# Service Card Payment--Sabadell???



## Sandraw719 (Jul 19, 2013)

My husband and I have one joint account with Sabadell. They charge 24 euros every 3 months for the management fee. 

There is one item on my bank statement called Service Card Payment today.It is 25 euros.

Does anybody else have this or other banks will charge this or not? We already paid 8 euros per month for the management fee, why there is another 25 euros? 

Thanks


----------



## snikpoh (Nov 19, 2007)

Sandraw719 said:


> My husband and I have one joint account with Sabadell. They charge 24 euros every 3 months for the management fee.
> 
> There is one item on my bank statement called Service Card Payment today.It is 25 euros.
> 
> ...


Just ask them .....

Do you not qualify for the expansion account then? That would be TOTALLY free.
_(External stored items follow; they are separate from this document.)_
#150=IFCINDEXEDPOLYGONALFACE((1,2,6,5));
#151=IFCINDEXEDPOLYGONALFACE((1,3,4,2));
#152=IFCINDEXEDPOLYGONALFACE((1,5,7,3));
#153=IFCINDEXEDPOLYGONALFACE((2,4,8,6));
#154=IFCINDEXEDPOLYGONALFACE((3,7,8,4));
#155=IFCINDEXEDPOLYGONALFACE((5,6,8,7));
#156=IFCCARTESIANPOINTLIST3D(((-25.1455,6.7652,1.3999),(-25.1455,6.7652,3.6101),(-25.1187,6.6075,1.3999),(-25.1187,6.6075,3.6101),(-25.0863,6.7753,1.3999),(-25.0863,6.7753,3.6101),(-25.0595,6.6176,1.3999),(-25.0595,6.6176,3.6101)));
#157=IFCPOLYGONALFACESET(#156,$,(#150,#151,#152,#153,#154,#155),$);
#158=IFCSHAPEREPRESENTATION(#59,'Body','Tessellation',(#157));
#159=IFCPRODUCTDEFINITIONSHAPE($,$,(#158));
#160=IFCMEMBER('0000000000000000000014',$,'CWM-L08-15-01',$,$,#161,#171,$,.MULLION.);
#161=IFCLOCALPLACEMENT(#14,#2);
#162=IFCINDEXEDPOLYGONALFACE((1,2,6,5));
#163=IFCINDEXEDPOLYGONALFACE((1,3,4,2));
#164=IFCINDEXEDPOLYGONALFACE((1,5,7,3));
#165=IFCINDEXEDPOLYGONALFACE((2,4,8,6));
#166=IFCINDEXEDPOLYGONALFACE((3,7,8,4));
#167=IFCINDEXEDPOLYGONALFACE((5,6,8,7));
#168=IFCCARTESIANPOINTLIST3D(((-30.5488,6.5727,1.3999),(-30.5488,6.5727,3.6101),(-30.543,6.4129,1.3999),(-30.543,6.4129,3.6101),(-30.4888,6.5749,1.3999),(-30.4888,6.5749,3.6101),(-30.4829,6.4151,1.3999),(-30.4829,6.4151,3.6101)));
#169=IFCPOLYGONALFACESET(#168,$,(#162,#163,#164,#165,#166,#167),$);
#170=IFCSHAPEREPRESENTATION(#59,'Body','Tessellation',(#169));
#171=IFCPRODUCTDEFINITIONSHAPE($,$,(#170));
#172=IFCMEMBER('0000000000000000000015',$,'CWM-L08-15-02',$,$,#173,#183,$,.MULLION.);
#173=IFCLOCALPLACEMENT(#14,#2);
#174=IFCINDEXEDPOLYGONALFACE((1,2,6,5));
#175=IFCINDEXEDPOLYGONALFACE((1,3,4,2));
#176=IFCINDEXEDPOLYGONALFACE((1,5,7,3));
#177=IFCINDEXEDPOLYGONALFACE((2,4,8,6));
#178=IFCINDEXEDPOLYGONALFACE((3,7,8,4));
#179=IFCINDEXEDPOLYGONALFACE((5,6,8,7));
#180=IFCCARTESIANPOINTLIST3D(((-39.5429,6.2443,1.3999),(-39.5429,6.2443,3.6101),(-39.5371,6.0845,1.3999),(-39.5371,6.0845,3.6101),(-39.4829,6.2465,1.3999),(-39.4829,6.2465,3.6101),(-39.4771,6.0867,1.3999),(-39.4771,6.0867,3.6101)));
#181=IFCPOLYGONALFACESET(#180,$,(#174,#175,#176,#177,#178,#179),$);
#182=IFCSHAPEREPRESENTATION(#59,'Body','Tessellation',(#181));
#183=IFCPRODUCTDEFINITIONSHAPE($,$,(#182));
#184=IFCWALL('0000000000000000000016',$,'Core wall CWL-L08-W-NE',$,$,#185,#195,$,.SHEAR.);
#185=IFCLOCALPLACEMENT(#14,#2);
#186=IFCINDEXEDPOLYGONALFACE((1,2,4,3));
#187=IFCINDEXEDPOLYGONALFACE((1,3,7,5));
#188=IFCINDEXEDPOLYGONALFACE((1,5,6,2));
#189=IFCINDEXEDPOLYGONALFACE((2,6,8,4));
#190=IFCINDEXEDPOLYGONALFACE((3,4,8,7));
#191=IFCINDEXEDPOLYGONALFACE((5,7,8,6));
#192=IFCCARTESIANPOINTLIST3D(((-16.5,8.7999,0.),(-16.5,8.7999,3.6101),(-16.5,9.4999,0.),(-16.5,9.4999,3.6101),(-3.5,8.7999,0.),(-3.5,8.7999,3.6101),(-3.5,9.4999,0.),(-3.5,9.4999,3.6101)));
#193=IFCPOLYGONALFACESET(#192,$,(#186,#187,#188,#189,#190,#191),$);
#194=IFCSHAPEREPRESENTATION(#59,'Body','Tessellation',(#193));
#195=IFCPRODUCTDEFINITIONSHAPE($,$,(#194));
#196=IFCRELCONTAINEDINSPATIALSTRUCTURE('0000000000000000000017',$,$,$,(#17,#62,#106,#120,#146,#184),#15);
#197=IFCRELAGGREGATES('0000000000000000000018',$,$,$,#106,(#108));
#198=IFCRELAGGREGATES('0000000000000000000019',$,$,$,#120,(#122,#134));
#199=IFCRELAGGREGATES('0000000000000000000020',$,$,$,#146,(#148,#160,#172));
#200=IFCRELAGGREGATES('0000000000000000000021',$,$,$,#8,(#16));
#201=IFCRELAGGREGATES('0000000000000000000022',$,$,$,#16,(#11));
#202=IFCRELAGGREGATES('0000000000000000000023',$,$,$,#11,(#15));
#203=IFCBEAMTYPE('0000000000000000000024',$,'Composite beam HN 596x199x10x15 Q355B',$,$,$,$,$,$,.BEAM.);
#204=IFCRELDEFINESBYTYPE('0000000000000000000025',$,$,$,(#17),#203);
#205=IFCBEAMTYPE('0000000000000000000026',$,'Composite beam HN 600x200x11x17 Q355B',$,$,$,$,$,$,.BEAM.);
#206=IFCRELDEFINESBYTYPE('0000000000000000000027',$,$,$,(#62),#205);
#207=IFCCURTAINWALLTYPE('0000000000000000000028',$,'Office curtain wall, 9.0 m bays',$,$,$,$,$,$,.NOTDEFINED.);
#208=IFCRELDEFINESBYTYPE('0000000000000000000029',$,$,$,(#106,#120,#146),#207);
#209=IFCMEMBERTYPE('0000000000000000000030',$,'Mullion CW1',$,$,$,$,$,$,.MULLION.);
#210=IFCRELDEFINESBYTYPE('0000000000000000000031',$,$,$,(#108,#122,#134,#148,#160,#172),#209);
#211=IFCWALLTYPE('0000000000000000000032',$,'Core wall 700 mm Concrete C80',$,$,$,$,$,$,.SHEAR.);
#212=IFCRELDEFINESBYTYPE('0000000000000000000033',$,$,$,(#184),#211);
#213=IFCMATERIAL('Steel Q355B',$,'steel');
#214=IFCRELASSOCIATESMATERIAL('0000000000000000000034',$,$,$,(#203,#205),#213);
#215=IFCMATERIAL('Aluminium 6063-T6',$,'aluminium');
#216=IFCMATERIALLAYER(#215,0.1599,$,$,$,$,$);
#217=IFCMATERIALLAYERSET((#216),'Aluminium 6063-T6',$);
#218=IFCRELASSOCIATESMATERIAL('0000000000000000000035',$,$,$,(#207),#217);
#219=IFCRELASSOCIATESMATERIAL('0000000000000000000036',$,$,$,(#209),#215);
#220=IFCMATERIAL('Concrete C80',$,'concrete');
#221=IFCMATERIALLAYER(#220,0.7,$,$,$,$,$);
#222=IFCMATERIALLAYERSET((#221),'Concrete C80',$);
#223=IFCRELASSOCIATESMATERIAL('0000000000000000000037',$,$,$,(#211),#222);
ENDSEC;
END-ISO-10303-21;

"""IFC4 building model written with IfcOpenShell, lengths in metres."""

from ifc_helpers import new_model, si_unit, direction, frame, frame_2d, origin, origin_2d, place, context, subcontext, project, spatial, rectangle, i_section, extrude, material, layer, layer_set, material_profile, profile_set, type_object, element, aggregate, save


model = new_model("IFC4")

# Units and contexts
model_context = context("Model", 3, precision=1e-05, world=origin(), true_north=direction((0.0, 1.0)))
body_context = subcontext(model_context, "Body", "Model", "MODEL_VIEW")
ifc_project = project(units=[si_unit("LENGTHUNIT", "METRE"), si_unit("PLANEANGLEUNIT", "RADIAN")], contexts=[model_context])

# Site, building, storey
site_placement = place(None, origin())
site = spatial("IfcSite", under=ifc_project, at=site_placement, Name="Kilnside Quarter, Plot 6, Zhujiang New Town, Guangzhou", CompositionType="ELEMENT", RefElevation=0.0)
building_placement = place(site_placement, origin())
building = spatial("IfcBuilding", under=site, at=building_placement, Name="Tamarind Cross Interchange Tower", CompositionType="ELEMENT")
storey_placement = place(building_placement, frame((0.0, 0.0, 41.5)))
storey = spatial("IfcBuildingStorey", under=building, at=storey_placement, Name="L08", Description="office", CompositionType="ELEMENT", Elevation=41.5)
We don't have a monthly income but still qualified.


----------



## Lynn R (Feb 21, 2014)

Sandraw719 said:


> My husband and I have one joint account with Sabadell. They charge 24 euros every 3 months for the management fee.
> 
> There is one item on my bank statement called Service Card Payment today.It is 25 euros.
> 
> ...


Afaik, most banks have a separate charge for both debit cards and credit cards. My bank, Banco Popular, charges €18 for my debit card on top of the account management fee (which is €60 per annum, paid half-yearly, so less than Sabadell).

If you have a salary or pension paid into the account (or I believe some banks will accept a regular minimum amount transferred in from other sources) most banks now offer an account with no management charges or card fees, although in the case of credit cards they almost always involve a minimum amount per year having to be spent on the card.


----------



## Sandraw719 (Jul 19, 2013)

Thanks. I will ask the bank this week. We do not have a regular income. We usually transfer a few thousands and spend a few months. All the income are in UK and goes to my husband's UK bank account.


----------



## snikpoh (Nov 19, 2007)

Sandraw719 said:


> Thanks. I will ask the bank this week. We do not have a regular income. We usually transfer a few thousands and spend a few months. All the income are in UK and goes to my husband's UK bank account.


Which is exactly what I do, random sums into the EXPANSION account - hence, no charges.


----------